The spread at each meal always consists of a huge container of steamed rice, often some soup, and a selection of dishes in the typical Chinese fashion.  We just spin the Lazy Susan around and grab whatever strikes our fancy at the time.  So far it's all been really good, lots of Northern Chinese style food with heavy sauces and always at least one dish with some heat to it.  I've been enjoying it quite a lot.  I'm a bit concerned for one member of our group though, since he's a vegetarian.  Seems like every meal they make a point of bringing out one veggie-only dish for him, and as far as I can see he's living on steamed rice and steamed greens.  I'm waiting for him to collapse from malnutrition at any moment.  I'm not really sure if that's indicative of China being a difficult place to travel for vegetarians, or this is more a situation of the tour having  a very regimented system in place that doesn't have a lot of flexibility for dietary considerations built into it.  I wouldn't be at all surprised if the dinner I had tonight was at The Monday Night restaurant where they serve up the Monday Night Meal the same as they do to every group that gets brought in by this company on every Monday night.

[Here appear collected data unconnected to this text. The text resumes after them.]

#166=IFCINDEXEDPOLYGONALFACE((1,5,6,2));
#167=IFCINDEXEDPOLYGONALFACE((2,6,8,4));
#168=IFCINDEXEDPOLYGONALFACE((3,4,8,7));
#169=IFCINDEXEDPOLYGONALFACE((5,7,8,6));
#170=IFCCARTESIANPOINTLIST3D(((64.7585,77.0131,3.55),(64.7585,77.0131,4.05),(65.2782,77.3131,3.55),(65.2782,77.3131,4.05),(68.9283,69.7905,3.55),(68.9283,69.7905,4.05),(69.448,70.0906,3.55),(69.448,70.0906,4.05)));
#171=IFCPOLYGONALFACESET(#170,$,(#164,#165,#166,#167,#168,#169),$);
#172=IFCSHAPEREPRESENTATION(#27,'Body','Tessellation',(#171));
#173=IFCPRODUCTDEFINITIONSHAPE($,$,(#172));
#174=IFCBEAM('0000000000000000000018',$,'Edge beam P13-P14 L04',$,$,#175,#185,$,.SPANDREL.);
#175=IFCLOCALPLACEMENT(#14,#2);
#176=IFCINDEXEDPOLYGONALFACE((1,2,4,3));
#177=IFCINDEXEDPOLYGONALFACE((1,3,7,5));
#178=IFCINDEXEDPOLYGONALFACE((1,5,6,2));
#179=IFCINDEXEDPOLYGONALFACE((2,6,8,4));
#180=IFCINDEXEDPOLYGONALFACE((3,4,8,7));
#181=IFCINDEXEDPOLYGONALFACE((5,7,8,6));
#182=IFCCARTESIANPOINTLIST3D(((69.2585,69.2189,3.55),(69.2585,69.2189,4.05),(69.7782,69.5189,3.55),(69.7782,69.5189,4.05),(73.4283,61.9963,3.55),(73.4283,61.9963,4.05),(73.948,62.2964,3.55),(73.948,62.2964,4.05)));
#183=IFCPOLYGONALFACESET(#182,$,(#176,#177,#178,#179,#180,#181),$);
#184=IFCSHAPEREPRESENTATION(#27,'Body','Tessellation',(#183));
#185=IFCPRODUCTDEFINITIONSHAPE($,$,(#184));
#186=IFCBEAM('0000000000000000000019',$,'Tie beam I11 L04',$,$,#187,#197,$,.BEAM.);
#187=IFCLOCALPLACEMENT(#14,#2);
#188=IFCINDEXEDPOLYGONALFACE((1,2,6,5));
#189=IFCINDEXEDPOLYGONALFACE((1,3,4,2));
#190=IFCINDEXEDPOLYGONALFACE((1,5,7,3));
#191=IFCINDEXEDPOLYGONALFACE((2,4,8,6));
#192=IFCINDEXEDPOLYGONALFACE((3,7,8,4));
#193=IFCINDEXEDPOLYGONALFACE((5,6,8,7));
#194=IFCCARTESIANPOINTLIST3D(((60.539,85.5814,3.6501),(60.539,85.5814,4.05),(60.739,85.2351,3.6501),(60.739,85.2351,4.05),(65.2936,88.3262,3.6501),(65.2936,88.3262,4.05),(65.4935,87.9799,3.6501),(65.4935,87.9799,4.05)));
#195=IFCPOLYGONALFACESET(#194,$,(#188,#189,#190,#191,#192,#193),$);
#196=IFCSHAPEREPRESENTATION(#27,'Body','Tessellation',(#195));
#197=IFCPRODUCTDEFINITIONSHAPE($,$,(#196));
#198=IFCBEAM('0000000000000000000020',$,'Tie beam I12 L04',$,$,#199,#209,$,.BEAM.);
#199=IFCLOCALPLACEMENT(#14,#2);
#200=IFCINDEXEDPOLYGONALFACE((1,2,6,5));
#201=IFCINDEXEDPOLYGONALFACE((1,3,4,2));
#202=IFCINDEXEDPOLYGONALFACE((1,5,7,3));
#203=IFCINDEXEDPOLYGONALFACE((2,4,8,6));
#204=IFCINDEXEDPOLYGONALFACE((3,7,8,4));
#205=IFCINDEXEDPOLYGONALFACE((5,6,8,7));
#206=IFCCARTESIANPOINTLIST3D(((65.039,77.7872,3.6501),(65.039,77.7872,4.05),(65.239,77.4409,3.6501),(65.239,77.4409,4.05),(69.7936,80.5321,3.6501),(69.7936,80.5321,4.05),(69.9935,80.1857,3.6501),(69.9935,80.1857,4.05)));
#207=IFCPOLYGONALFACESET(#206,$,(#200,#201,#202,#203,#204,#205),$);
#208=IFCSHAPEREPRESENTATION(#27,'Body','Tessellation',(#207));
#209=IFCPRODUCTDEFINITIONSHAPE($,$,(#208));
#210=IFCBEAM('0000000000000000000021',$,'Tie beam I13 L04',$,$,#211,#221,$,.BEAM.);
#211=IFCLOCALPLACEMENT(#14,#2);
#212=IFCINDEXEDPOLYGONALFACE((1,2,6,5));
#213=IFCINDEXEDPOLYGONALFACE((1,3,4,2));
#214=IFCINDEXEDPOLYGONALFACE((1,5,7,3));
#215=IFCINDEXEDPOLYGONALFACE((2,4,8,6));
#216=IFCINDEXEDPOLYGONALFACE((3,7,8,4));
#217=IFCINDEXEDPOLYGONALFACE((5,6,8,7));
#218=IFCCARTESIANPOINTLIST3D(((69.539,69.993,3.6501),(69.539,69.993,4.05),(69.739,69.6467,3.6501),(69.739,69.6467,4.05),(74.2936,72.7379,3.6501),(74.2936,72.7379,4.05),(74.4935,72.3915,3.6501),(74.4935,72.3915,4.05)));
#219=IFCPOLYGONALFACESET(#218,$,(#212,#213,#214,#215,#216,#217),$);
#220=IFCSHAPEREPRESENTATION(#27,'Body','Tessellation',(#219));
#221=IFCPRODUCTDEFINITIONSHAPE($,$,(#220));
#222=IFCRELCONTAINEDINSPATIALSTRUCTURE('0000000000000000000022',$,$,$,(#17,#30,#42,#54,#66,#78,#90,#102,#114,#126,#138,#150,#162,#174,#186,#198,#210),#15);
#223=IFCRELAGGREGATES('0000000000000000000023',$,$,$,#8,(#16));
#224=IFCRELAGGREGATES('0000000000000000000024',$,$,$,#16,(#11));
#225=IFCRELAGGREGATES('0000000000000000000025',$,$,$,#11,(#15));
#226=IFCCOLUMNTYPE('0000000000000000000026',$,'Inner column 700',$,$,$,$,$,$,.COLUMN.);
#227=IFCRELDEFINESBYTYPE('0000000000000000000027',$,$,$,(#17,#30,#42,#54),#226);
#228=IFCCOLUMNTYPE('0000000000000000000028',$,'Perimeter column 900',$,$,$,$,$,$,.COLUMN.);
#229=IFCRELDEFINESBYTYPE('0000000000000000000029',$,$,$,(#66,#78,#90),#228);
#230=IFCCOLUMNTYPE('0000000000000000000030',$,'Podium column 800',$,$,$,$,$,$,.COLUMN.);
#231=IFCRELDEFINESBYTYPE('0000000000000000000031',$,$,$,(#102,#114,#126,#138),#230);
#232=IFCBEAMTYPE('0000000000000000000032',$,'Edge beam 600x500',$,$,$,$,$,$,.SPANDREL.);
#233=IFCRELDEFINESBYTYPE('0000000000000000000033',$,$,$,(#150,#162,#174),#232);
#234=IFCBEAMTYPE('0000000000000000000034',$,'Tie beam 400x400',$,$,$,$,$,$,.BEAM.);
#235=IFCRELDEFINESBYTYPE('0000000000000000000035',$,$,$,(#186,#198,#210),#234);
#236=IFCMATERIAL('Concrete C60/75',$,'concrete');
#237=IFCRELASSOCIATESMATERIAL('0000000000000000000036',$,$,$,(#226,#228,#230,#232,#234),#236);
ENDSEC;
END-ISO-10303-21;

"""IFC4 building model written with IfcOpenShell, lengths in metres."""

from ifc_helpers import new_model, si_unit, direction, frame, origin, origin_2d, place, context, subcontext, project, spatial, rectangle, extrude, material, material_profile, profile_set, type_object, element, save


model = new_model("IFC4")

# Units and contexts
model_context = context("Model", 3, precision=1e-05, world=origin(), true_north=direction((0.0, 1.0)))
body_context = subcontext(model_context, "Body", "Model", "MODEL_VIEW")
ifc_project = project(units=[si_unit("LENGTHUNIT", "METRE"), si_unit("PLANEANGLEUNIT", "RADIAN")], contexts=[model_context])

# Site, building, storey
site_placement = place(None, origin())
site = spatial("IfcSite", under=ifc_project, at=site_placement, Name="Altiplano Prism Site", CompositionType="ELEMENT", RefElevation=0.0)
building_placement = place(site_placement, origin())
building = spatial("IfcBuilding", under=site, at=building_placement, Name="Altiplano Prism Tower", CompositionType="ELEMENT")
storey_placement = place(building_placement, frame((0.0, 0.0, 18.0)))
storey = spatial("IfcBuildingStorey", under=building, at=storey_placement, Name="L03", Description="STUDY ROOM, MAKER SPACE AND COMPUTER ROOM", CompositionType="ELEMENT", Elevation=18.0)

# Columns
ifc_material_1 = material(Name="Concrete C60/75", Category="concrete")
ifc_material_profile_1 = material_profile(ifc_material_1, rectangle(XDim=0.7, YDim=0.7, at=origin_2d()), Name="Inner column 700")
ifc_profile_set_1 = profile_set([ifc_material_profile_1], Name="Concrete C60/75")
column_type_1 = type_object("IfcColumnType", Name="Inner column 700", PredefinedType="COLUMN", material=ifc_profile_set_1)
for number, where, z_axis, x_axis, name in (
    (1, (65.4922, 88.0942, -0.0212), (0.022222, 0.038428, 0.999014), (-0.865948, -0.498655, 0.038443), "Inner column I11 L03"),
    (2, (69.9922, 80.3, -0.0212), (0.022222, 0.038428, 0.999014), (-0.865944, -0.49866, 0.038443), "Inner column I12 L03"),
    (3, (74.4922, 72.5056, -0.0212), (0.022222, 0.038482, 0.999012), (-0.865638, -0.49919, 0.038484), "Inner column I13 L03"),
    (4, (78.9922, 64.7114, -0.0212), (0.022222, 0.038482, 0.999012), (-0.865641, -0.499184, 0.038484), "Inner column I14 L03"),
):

What's been interesting to me about the food is that while each meal consists of different dishes, it's all very typical Chinese.  I found it very odd at first because I'm so used to the huge range of cuisines available to Torontonians.  If I want to go out for dinner in Toronto the first decision to make is what kind of food I want to eat.  Chinese, Japanese, Italian, Indian, French... the list goes on and on.  In Beijing I've noticed a lot of KFC, Pizza Hut, and McDonalds, and I caught sight of a Korean BBQ, but I haven't noticed much else in the way of non-Chinese.  Of course that could just be a side-effect of not being able to read a majority of the signs.  It's left me wondering about our meals though.  The way I look at it, there are two possibilities: either we're eating strictly Chinese because the tour group is composed largely of Chinese expats and most people would adopt the attitude of "I didn't come to China to eat pizza."  The other possibility is that there's a real dearth of decent international cuisine in Beijing.  Maybe Toronto has just spoiled me and left me thinking that all big cities have the kind of selection that we do for ethnic foods.  I'm not really sure what the answer is, in the end I just like to muse on these things.

Well, that concludes today's ramblings.  I hope at least a few of you have managed to stay awake through all of that.  For me, I think it's time to call it a night.  Tomorrow, I believe, is the Great Wall, and I'm really, really looking forward to that.  I'm going to get rested up for the big day.  Talk to you all tomorrow.

1 comment:

Jabbles said...

You had me doing a WTF face when you compared Chengdu to Killarney, until I scrolled down and saw "with palaces" I them Lol.

It may be a pain, and the software idea is great but renaming photos after the trip, well it won't happen.

I think Toronto being the most multi cultural city "In the world..Jeremy Clarkson voice" might explain the vast selection of food. I did enjoy trying Italian food in Japan I do prefer to stick to the local cuisines if I visit a country. Being a group they are likely keeping things somewhat generic to appeal to everyone. Once you are out on your own I am sure you can try different styles of local food. Although if you see a yakitori place DO IT.